Some investors have publicly questioned whether mining companies are all equipped to take on AI data-center loads. Bitcoin mining warehouses are much more bare-bones than AI facilities. They use lower-power microchips and need much less extensive cooling systems, for instance. Upgrading the buildings is no small task. A Bitcoin mining site can cost $300,000 per megawatt to build out; an AI data center can cost $8 million per megawatt, according to Genoot.

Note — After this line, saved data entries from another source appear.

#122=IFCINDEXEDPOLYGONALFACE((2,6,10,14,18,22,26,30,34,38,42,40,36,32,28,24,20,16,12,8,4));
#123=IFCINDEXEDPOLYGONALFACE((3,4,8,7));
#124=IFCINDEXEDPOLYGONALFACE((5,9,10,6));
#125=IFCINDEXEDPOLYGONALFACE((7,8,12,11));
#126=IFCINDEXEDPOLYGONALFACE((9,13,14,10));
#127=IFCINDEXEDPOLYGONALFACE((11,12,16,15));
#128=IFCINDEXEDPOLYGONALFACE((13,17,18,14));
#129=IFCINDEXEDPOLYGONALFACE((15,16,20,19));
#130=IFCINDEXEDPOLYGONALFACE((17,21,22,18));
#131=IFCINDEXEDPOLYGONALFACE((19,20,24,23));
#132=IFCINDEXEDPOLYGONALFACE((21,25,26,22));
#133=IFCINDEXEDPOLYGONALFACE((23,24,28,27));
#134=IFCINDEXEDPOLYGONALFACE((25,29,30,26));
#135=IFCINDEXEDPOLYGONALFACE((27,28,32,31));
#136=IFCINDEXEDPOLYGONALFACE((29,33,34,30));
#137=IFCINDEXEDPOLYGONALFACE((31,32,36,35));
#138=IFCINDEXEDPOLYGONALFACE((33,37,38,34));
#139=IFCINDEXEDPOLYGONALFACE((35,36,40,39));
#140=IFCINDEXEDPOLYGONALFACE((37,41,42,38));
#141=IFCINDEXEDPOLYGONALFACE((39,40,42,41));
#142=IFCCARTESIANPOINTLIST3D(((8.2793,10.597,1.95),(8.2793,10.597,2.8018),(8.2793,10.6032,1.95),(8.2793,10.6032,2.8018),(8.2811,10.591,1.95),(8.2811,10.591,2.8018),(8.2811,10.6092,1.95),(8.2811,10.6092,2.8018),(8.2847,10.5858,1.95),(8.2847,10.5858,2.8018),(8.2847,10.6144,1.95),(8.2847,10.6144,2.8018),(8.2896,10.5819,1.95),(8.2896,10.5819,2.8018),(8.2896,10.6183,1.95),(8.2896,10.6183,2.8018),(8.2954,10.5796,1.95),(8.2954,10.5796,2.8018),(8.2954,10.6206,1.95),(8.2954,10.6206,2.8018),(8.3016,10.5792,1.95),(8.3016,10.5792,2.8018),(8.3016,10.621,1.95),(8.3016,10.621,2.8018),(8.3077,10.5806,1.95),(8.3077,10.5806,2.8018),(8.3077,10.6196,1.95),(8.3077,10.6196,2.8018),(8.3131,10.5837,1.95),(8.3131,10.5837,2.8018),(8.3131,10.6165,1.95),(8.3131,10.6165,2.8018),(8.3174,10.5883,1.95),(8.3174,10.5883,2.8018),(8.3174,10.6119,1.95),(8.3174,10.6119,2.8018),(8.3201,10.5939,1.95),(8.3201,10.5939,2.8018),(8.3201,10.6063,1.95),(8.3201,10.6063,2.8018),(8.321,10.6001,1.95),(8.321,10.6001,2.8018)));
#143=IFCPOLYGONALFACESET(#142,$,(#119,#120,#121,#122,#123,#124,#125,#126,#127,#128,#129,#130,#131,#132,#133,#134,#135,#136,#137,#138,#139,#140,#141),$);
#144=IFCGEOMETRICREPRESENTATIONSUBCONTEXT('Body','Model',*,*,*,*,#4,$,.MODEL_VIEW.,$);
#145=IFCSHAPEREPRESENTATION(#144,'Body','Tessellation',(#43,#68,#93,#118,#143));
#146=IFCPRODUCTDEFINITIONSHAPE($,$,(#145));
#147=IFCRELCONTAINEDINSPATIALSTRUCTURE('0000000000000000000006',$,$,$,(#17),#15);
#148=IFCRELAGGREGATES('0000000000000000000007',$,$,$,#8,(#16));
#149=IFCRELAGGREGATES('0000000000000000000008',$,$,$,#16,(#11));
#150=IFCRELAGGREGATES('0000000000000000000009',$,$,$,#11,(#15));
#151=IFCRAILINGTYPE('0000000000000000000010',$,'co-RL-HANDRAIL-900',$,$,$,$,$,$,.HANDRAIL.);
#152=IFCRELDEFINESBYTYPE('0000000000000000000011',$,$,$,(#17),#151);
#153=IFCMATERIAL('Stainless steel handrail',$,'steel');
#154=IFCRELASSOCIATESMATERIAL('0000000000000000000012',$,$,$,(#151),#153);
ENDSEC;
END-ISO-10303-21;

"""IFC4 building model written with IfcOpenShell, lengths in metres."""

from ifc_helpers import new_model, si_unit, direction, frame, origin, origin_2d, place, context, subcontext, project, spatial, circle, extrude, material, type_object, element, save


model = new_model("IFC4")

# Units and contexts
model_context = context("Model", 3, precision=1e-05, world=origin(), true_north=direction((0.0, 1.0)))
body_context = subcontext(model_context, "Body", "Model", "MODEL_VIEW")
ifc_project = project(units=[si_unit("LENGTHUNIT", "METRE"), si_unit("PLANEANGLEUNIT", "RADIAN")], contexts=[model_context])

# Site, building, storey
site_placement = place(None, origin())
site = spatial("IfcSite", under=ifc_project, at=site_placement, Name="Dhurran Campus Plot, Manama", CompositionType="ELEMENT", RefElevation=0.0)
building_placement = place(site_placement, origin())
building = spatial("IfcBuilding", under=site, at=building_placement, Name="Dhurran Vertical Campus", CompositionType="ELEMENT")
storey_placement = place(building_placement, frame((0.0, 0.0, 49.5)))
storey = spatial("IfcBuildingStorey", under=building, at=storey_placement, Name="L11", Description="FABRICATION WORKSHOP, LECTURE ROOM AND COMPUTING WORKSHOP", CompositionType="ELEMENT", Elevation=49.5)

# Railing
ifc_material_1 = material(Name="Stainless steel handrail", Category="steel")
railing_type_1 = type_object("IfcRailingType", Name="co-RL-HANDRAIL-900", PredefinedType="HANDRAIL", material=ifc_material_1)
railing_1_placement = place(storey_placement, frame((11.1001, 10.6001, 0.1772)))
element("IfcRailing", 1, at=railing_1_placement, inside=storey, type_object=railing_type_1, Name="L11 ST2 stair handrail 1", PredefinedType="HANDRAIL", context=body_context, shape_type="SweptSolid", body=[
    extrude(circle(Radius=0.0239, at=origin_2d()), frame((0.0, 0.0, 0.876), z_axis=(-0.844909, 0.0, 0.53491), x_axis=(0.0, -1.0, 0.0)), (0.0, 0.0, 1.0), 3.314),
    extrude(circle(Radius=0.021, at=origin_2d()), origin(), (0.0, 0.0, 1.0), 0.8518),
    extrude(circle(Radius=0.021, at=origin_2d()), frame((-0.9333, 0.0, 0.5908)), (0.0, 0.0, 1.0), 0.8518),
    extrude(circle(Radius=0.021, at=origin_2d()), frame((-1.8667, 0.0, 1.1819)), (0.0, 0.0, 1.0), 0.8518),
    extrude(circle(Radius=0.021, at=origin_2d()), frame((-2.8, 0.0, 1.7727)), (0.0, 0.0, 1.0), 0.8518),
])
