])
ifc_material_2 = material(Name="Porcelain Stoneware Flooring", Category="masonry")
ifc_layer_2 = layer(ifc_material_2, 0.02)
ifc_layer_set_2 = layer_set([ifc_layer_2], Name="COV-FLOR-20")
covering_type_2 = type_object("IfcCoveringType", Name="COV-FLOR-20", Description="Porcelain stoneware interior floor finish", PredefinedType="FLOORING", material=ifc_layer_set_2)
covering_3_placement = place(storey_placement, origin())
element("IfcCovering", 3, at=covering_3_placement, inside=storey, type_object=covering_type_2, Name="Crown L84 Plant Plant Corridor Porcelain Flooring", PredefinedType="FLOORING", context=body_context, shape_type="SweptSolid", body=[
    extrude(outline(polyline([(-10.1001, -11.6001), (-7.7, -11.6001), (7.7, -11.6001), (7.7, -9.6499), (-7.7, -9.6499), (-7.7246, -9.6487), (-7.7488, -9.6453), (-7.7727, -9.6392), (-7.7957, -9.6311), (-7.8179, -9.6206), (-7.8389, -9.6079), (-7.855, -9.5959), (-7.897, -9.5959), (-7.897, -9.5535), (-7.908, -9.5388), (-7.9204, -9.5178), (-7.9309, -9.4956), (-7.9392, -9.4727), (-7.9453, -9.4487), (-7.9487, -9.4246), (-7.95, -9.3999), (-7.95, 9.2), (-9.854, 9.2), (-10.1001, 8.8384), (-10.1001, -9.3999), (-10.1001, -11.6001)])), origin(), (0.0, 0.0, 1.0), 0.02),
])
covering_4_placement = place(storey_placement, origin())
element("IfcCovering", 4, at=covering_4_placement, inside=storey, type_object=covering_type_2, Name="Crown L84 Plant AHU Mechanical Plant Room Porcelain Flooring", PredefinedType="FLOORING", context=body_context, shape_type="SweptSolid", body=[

Activist short seller Culper Research took aim at Bitcoin miner Iris Energy this month, writing in a report that the company’s real estate was ill-equipped to transition to AI hosting, like a “Prius at the Grand Prix.” In an interview, Iris CEO Daniel Roberts said that Iris has been well positioned for data-center hosting since it was founded in 2018, and has all the necessary equipment, such as fiber cables, at its centers. It also gets its power from clean sources, a priority for some tech companies. Smith, the J.P. Morgan analyst, says Iris is the “best positioned” miner to take advantage of the AI opportunity, because it has already bought Nvidia chips and “has a track record of building/delivering (relatively) high quality data centers on time.”

Bitcoin companies have often found it hard to convince investors that they’re mining digital gold. They’re making more headway with their new argument: the real gold is in their wires.

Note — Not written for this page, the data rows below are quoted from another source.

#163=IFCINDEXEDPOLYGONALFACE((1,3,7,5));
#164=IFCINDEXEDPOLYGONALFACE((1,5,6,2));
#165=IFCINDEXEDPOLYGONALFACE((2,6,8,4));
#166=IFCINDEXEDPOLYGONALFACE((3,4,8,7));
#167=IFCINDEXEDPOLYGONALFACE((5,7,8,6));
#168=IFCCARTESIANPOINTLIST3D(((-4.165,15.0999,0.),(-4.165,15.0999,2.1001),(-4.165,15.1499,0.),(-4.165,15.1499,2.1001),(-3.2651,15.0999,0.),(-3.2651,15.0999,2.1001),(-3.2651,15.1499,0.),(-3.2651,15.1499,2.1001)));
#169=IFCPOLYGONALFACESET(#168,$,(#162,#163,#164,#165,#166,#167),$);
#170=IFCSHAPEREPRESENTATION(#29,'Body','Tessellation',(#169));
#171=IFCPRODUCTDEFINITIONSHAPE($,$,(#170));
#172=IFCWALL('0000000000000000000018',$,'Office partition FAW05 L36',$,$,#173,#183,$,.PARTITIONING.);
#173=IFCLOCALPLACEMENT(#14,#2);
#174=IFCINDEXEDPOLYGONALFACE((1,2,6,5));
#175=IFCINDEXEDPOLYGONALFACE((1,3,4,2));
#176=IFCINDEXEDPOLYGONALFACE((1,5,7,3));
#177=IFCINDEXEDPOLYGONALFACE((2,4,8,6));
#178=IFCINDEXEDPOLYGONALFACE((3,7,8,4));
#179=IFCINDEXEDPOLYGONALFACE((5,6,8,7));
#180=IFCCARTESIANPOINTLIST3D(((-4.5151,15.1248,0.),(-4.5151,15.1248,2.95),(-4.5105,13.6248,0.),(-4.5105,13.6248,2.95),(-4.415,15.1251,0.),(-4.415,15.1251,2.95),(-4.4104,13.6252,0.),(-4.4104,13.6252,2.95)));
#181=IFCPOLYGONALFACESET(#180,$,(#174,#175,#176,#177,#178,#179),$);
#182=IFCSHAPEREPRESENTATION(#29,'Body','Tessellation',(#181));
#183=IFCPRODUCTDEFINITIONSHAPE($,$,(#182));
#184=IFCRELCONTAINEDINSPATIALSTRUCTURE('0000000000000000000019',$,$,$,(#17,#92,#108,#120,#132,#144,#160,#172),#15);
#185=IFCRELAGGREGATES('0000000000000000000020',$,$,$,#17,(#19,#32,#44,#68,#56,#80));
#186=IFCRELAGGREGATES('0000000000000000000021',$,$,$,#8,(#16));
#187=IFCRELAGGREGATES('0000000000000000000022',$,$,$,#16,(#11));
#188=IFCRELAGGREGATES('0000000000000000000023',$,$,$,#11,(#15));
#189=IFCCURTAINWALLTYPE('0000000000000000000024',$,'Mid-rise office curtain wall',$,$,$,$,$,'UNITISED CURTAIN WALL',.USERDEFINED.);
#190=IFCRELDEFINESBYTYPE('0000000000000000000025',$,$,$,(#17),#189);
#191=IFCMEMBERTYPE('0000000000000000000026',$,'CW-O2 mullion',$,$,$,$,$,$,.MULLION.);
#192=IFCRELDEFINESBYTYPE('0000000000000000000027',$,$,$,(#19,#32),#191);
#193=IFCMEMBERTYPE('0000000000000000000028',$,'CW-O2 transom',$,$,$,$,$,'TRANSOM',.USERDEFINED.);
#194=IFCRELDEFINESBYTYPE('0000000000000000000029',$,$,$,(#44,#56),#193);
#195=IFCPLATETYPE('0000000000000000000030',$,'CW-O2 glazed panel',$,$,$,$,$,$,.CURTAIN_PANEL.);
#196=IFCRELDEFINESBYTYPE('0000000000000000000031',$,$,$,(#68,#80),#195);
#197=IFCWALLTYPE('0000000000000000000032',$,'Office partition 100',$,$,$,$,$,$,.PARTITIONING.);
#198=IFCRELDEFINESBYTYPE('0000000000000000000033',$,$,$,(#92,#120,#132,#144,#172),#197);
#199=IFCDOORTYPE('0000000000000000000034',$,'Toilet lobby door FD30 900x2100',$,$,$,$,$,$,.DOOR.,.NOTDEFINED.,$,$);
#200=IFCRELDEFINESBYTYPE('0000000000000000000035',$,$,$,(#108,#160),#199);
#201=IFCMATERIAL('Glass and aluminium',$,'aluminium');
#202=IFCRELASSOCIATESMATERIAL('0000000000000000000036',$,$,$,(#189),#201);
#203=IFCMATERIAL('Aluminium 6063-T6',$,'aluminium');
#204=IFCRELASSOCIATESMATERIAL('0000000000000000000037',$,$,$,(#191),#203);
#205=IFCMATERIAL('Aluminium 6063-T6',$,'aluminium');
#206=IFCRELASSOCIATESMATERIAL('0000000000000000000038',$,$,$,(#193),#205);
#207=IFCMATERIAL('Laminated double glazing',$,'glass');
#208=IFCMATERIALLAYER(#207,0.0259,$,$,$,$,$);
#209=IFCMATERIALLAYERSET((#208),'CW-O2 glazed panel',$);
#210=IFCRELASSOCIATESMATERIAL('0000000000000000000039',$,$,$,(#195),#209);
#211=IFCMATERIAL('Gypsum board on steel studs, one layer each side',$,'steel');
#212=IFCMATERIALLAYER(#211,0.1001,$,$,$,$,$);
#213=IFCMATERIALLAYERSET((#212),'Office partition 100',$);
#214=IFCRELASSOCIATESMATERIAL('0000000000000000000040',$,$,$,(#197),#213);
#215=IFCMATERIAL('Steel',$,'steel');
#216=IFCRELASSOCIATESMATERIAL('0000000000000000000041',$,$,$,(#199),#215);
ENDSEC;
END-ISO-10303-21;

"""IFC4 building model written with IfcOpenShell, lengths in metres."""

To: elmatador who wrote (12851)8/3/2024 2:55:50 PM
From: Elroy Jetson1 Recommendation

Recommended By
elmatador

  Respond to of 13781
 
Iron Mountain (NYSE:IRM) has lately been priced to take advantage of the huge demand for data centers. I was accustomed to the Iron Mountain REIT paying a 5% dividend and couldn't figure out how they could build more data centers without taking on a lot more debt, so I intended to sell. But with study, I've figured out their strategy.

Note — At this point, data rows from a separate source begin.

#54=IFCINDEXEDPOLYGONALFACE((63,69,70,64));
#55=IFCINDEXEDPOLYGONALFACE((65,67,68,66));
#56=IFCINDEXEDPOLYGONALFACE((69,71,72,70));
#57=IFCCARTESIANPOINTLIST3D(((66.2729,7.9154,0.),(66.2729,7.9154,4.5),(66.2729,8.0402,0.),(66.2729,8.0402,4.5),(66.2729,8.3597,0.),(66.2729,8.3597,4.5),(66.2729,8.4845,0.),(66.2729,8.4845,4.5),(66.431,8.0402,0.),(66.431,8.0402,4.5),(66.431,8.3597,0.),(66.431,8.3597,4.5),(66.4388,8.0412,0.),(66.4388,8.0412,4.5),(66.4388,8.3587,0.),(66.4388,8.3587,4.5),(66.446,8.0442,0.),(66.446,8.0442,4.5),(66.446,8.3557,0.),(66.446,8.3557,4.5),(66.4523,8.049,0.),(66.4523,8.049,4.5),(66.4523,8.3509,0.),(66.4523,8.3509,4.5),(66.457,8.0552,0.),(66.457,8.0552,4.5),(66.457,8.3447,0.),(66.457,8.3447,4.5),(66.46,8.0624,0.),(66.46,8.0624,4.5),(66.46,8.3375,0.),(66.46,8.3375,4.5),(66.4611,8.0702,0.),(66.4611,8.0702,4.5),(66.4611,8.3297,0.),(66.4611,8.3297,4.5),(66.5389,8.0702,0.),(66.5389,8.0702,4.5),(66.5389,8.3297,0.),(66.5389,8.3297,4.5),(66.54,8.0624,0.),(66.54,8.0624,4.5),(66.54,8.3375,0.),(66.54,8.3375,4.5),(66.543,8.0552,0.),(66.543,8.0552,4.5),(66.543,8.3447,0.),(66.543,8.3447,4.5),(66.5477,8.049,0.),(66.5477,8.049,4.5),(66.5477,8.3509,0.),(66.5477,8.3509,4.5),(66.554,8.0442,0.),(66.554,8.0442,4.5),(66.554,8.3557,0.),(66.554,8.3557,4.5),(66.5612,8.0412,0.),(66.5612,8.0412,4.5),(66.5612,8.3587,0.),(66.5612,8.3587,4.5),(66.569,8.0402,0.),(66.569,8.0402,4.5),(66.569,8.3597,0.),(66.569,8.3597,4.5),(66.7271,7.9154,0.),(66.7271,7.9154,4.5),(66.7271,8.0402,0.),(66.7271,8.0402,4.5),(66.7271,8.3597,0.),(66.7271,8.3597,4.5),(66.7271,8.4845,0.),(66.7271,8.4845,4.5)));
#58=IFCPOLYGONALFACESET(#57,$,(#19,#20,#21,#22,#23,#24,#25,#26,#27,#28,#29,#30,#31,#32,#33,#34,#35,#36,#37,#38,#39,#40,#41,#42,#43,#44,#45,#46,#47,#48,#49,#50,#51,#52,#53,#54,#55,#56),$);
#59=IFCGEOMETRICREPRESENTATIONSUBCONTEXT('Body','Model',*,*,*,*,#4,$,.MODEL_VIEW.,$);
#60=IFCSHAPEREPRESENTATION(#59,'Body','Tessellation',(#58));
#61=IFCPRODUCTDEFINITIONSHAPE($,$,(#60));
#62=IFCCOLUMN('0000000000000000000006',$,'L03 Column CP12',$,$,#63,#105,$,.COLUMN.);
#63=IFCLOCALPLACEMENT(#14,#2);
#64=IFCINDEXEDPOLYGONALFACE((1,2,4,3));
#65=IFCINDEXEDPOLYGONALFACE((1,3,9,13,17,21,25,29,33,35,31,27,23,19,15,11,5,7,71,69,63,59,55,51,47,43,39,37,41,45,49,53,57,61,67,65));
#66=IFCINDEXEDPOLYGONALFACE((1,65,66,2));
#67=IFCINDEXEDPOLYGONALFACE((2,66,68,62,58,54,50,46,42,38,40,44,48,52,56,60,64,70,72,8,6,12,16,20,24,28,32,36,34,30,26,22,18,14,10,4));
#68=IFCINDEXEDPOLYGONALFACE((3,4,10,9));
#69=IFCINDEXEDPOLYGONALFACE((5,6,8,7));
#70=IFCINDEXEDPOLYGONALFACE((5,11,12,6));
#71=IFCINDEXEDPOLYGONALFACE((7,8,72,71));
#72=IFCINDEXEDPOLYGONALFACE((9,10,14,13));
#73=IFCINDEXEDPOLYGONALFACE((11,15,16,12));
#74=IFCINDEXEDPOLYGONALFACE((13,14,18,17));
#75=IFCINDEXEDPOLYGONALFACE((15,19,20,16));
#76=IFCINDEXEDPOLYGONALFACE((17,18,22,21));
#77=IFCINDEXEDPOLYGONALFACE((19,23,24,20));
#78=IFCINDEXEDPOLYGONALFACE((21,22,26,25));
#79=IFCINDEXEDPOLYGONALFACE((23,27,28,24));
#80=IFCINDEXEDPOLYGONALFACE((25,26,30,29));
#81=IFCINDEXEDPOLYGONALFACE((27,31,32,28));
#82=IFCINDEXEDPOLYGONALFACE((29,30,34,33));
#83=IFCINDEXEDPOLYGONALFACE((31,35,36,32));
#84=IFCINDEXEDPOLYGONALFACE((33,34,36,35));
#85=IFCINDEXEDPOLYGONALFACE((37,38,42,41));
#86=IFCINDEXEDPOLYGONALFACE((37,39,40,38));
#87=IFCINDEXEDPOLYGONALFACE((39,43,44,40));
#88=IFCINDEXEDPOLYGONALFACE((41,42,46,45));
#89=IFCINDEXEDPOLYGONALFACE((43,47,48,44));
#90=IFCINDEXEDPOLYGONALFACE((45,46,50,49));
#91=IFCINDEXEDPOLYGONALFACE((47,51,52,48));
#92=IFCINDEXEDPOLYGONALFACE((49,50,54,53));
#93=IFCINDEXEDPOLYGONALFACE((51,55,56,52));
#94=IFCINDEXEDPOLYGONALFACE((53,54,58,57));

IRM is still managed by extremely smart people - which is not typical for "a warehouse REIT".


The part of Data Center's that is in short supply is local electrical supply, with a five year waiting list to obtain new transformers from manufacturers to build or expand substations.

Iron Mountain currently has 25 data centers and 1,400 warehouse locations around the world. For decades IRM has made great stride in reducing their electrical usage to reduce costs. As a result, almost all of their warehouse locations can greatly expand their electrical usage without making any investment or requiring changes or approval from their local utility, and virtually all of these facilities have current access to high-speed fiber networks. Just add more air-conditioning, and diesel or battery power back-up in their mammoth warehouses and they can greatly increase their revenues and profits.

IRM is yet anoher AI/cloud "bubble stock" that's also a value stock rather than an over-priced bubble.

With very little cost, no additional debt, and little lead-time Iron Mountain can convert current paper record warehouses, or a portion of each facility into data centers. No wonder the stock has zoomed to the point where the typically 5% dividend is now paying only 2.44% due to the increase in share price.


I may still be selling IRM over the next two years to obtain our 358% capital gain paying little in the way of tax - but I'll be immediately buying back the shares. This way in the future I won't feel locked-in and could later sell IRM without facing untoward tax consequences.